I am the author of the cited sentence splitting answer. Here's a modified version that may suit your purposes:
An enhanced regex solution
Assuming you do care about handling: Mr.
and Mrs.
etc. abbreviations, then the following single regex solution works pretty well:
<?php // test.php Rev:20140218_1500
$re = '/# Match sentence ending in .!? followed by optional quote.
( # $1: Sentence.
[^.!?]+ # One or more non-end-of-sentence chars.
(?: # Zero or more not-end-of-sentence dots.
\. # Allow dot mid-sentence, but only if:
(?: # Group allowable dot alternatives.
(?=[^\s\'"]) # Dot is ok if followed by non-ws,
| (?<= # or not one of the following:
Mr\. # Either "Mr."
| Mrs\. # or "Mrs.",
| Ms\. # or "Ms.",
| Jr\. # or "Jr.",
| Dr\. # or "Dr.",
| Prof\. # or "Prof.",
| Sr\. # or "Sr.",
| T\.V\.A\. # or "T.V.A.",
# or... (you get the idea).
) # End positive lookbehind.
) # Group allowable dot alternatives.
[^.!?]* # Zero or more non-end-of-sentence chars.
)* # Zero or more not-end-of-sentence dots.
(?: # Sentence end alternatives.
[.!?] # Either end of sentence punctuation
[\'"]? # followed by optional quote,
| $ # Or end of string with no punctuation.
) # Sentence end alternatives.
) # End $1: Sentence.
(?:\s+|$) # Sentence ends with ws or EOS.
/ix';
$text = 'This is sentence one. Sentence two! Sentence thr'.
'ee? Sentence "four". Sentence "five"! Sentence "'.

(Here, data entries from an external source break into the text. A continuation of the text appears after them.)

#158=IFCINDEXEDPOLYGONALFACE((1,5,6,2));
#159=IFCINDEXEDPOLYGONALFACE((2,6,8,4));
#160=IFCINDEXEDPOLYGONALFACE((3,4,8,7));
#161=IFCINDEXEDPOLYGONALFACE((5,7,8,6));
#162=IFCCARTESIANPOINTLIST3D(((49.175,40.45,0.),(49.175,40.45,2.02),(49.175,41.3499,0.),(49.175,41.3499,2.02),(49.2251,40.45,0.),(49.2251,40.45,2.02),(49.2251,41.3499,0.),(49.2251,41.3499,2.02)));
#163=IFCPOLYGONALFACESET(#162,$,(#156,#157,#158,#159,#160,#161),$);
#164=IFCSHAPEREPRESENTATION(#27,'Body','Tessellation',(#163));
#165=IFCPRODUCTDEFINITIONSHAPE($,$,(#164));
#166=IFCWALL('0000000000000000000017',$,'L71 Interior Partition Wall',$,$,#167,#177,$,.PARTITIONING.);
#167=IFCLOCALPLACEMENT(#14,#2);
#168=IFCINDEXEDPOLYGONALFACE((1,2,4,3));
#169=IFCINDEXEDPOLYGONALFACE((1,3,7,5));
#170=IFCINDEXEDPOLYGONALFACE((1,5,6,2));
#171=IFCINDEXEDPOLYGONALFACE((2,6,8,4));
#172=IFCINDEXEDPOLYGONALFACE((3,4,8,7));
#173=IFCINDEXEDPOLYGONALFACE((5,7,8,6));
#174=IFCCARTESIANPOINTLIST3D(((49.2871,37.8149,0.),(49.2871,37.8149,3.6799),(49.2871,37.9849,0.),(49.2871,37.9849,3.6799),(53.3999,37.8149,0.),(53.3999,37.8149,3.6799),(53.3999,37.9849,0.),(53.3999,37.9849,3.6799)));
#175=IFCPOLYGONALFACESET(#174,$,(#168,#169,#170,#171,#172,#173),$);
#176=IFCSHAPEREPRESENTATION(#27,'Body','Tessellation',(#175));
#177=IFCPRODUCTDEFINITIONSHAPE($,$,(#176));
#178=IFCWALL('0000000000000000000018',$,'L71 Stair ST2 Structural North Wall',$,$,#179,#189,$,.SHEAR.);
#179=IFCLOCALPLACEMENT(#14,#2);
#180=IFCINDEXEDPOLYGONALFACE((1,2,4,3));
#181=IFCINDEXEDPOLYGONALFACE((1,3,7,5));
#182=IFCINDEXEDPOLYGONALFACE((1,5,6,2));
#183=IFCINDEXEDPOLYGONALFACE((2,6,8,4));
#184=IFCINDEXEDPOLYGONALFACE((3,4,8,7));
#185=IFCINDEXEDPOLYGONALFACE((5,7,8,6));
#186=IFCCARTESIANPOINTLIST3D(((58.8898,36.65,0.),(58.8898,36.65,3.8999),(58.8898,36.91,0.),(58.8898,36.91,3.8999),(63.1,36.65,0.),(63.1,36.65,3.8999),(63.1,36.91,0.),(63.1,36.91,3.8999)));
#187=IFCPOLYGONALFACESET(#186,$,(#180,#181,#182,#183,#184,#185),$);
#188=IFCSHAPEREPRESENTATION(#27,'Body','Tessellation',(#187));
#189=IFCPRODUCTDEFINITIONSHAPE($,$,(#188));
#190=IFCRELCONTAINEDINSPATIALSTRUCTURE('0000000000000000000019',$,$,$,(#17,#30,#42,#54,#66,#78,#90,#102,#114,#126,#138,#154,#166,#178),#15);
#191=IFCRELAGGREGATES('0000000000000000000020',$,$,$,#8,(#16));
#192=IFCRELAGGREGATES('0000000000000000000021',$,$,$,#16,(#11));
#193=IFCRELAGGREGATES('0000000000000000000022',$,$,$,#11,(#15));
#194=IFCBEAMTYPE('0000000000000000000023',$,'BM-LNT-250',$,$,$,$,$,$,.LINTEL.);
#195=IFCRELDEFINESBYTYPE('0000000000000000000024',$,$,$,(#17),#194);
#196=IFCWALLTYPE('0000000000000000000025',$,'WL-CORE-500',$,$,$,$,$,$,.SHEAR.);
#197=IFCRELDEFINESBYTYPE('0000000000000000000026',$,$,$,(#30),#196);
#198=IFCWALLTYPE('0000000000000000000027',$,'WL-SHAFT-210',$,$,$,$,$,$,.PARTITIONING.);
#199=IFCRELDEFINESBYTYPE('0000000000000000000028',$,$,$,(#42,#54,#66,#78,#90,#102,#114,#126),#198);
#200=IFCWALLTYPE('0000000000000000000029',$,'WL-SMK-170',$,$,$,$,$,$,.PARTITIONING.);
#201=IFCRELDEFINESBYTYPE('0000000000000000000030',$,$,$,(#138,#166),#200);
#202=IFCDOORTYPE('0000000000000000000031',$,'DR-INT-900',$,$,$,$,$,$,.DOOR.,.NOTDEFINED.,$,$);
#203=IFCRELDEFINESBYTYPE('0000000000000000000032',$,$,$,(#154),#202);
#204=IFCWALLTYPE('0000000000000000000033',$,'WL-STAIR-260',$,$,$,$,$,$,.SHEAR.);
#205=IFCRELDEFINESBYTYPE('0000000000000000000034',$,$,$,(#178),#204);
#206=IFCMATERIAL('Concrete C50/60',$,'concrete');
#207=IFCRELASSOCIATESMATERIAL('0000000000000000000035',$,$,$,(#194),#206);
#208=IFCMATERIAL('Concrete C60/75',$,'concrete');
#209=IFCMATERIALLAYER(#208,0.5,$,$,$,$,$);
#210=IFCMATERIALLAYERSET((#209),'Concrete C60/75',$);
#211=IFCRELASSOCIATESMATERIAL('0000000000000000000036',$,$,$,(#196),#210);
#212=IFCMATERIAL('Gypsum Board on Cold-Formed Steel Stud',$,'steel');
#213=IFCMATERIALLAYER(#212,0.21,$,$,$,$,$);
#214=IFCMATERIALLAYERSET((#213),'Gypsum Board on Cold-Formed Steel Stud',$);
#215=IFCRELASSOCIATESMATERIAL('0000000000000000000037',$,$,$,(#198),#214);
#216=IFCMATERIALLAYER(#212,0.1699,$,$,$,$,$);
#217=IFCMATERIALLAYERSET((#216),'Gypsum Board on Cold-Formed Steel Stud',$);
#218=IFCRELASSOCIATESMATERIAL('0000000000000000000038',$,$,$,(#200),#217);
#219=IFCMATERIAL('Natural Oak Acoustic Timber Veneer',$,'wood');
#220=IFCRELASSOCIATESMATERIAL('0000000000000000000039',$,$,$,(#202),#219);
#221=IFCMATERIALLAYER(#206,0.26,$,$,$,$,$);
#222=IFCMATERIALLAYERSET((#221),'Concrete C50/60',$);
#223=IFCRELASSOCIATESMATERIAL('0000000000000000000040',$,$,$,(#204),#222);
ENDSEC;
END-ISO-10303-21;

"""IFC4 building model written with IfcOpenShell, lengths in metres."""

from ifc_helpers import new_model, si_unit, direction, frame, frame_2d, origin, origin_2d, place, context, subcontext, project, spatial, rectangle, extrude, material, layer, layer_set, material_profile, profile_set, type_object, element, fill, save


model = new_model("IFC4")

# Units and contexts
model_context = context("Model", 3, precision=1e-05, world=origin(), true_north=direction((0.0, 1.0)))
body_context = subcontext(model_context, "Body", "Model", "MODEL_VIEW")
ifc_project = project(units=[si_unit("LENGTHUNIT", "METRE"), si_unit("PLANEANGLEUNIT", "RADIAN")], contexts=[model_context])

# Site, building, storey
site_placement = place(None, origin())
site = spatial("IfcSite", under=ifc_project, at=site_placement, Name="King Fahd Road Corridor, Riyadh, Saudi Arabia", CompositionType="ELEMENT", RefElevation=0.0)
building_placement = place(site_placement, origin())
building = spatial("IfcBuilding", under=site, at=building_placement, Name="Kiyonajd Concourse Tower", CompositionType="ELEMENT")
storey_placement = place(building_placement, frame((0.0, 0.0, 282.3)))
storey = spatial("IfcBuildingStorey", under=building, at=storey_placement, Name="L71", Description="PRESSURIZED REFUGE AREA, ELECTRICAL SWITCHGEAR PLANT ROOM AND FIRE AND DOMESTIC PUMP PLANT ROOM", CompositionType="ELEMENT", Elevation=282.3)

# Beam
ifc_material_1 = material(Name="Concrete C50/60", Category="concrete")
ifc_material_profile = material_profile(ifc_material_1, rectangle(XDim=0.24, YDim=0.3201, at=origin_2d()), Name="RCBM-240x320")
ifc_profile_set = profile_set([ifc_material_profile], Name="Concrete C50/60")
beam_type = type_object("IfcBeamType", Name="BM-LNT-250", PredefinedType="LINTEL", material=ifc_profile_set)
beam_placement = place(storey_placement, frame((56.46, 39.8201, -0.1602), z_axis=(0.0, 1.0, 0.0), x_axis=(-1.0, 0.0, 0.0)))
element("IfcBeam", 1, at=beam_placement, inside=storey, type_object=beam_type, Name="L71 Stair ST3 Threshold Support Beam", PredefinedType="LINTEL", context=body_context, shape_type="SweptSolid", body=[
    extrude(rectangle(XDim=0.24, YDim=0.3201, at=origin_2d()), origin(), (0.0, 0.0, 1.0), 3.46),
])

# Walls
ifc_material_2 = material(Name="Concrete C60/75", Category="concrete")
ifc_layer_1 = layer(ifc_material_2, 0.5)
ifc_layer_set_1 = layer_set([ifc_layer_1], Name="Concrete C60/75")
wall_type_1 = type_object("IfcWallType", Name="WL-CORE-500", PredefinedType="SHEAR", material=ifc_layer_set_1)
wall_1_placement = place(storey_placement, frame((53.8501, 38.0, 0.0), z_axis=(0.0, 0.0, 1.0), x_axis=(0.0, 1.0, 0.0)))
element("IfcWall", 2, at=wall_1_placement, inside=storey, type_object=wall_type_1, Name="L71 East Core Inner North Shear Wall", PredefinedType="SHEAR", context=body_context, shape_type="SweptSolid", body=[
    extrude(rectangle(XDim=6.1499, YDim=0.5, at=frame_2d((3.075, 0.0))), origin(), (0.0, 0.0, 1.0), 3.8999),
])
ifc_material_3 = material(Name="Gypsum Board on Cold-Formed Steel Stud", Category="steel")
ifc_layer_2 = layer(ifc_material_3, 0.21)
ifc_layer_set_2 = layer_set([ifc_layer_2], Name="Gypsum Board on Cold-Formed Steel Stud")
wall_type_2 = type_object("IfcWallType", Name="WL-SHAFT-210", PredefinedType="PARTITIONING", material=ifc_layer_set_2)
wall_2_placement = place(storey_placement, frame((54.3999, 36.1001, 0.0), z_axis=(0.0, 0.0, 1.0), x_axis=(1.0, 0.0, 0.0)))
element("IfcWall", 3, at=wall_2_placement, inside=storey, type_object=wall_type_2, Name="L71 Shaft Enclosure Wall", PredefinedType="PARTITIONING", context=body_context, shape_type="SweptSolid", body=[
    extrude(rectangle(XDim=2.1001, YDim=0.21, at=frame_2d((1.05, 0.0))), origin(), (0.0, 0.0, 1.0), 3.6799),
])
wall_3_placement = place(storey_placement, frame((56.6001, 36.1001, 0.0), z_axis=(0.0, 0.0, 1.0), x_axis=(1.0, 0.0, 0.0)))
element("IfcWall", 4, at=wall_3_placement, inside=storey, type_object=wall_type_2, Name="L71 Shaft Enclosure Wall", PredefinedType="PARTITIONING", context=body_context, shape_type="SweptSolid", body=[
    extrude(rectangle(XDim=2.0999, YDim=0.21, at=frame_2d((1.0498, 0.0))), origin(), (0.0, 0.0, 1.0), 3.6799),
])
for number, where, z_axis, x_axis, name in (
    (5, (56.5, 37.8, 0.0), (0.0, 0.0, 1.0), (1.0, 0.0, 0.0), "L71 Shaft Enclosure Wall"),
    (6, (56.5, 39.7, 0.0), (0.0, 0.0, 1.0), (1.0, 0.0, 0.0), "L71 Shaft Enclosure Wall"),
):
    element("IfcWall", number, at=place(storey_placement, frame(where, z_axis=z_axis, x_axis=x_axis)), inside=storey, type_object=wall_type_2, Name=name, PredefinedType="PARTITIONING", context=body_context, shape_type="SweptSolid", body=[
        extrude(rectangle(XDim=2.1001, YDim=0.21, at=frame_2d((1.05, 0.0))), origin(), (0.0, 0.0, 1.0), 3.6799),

'six"? Sentence "seven." Sentence \'eight!\' Dr. '.
'Jones said: "Mrs. Smith you have a lovely daught'.
'er!" The T.V.A. is a big project! Last sentence '.
'with no ending punctuation';
$sentences = array(); // Initialize array of sentences.
function _getSentencesCallback($matches) {
global $sentences;
$sentences[] = $matches[1];
return '';
}
preg_replace_callback($re, '_getSentencesCallback', $text);
for ($i = 0; $i < count($sentences); ++$i) {
printf("Sentence[%d] = [%s]\n", $i + 1, $sentences[$i]);
}
?>
Note that you can easily add or take away abbreviations from the expression. Given the following test paragraph:
This is sentence one. Sentence two! Sentence three? Sentence "four". Sentence "five"! Sentence "six"? Sentence "seven." Sentence 'eight!' Dr. Jones said: "Mrs. Smith you have a lovely daughter!" The T.V.A. is a big project!
Here is the output from the script:
Sentence[1] = [This is sentence one.]
Sentence[2] = [Sentence two!]
Sentence[3] = [Sentence three?]
Sentence[4] = [Sentence "four".]
Sentence[5] = [Sentence "five"!]
Sentence[6] = [Sentence "six"?]
Sentence[7] = [Sentence "seven."]
Sentence[8] = [Sentence 'eight!']
Sentence[9] = [Dr. Jones said: "Mrs. Smith you have a lovely daughter!"]
Sentence[10] = [The T.V.A. is a big project!]
Sentence[11] = [Last sentence with no ending punctuation]
Hope this helps and Happy Regexing!
Edit: 2014-02-19 08:00 Last sentence at end of string no longer requires punctuation.